We will look at the case \(f(a) ≤ v ≤ f(b)\). Let \(x_1 = a\) and \(y_1 = b\), so we have \(x_1 ≤ y_1\) and \(f(x_1) ≤ v ≤ f(y_1)\). Let \(m_1\) be the midpoint of \([x_1,y_1]\) and notice that we have either \(f(m_1) ≤ v\) or \(f(m_1) ≥ v\). If \(f(m_1) ≤ v\), then we relabel \(x_2 = m_1\) and \(y_2 = y_1\). If \(f(m_1) ≥ v\), then we relabel \(x_2 = x_1\) and \(y_2 = m_1\). In either case, we end up with \(x_1 ≤ x_2 ≤ y_2 ≤ y_1,\; y_2 - x_2 = \frac{1}{2} (y_1 - x_1)\), \(f(x_1) ≤ v ≤ f(y_1)\), and \(f(x_2) ≤ v ≤ f(y_2)\).
Now play the same game with the interval \([x_2,y_2]\). If we keep playing this game, we will generate two sequences (\(x_n\)) and (\(y_n\)), satisfying all of the conditions of the nested interval property. These sequences will also satisfy the following extra property: \(∀ n,\; f(x_n) ≤ v ≤ f(y_n)\). By the NIP, there exists a \(c\) such that \(x_n ≤ c ≤ y_n,\; ∀ n\). This should be the \(c\) that we seek though this is not obvious. Specifically, we need to show that \(f(c) = v\). This should be where the continuity of \(f\) at \(c\) and the extra property on (\(x_n\))and (\(y_n\)) come into play.
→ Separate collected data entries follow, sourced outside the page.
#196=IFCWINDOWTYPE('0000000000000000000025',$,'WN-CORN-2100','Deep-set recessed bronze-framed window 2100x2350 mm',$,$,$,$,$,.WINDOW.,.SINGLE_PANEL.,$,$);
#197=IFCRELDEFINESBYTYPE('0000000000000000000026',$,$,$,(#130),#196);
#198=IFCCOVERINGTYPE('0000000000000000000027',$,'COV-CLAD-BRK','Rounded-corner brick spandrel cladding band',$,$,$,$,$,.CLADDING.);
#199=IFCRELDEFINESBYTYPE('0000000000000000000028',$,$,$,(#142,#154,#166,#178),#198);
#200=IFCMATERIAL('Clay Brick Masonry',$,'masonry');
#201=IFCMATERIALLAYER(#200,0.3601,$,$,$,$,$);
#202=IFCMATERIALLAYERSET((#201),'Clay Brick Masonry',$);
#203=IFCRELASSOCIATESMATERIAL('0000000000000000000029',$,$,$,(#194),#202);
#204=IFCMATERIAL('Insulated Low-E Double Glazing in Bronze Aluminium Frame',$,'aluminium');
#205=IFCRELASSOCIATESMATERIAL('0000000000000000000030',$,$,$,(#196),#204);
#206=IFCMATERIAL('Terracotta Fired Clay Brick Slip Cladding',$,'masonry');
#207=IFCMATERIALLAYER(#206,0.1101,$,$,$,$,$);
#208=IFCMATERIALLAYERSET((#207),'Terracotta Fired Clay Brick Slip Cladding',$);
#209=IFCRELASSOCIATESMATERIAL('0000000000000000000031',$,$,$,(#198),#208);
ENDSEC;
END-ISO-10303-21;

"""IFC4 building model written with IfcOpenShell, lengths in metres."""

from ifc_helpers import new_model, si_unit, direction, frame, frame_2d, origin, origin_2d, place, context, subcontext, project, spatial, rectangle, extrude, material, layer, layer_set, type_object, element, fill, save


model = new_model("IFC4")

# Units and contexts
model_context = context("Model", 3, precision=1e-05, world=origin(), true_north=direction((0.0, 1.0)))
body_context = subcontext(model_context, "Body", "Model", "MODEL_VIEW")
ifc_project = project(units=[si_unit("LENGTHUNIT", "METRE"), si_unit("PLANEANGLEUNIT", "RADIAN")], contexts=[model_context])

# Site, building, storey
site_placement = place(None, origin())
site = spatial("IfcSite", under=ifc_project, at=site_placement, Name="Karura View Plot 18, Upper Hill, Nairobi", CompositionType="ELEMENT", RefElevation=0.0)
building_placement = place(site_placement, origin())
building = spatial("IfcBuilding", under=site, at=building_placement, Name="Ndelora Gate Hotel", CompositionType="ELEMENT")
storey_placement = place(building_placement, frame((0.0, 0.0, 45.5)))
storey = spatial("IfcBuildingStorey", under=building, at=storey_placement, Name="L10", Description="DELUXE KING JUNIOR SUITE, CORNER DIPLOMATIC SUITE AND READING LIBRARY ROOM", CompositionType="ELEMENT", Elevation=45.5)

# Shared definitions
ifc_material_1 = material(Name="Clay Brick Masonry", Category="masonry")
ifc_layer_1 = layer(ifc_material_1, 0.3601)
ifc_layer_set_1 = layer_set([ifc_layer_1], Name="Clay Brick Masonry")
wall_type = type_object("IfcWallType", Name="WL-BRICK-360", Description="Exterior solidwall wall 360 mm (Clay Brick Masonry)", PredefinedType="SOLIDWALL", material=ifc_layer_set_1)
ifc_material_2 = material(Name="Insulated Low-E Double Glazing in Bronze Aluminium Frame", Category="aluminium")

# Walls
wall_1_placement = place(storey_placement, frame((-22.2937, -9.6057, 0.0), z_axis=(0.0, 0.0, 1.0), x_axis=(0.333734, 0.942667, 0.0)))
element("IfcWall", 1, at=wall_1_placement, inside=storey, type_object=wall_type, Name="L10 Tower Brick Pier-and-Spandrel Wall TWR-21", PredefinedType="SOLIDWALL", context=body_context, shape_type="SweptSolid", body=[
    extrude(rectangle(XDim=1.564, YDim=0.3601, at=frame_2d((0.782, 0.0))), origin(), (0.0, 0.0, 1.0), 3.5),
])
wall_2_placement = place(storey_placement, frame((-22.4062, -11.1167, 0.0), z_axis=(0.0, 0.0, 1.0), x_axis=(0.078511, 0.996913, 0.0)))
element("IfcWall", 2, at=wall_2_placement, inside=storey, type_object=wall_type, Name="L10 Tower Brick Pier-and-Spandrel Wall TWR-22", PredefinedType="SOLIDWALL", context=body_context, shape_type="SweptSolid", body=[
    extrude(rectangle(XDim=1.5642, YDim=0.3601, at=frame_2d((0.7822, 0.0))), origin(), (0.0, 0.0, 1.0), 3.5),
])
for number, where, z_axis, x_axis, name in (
Turn the ideas of the previous paragraphs into a formal proof of the IVT for the case \(f(a) ≤ v ≤ f(b)\).
We can modify the proof of the case \(f(a) ≤ v ≤ f(b)\) into a proof of the IVT for the case \(f(a) ≥ v ≥ f(b)\). However, there is a sneakier way to prove this case by applying the IVT to the function \(-f\). Do this to prove the IVT for the case \(f(a) ≥ v ≥ f(b)\).
Use the IVT to prove that any polynomial of odd degree must have a real root.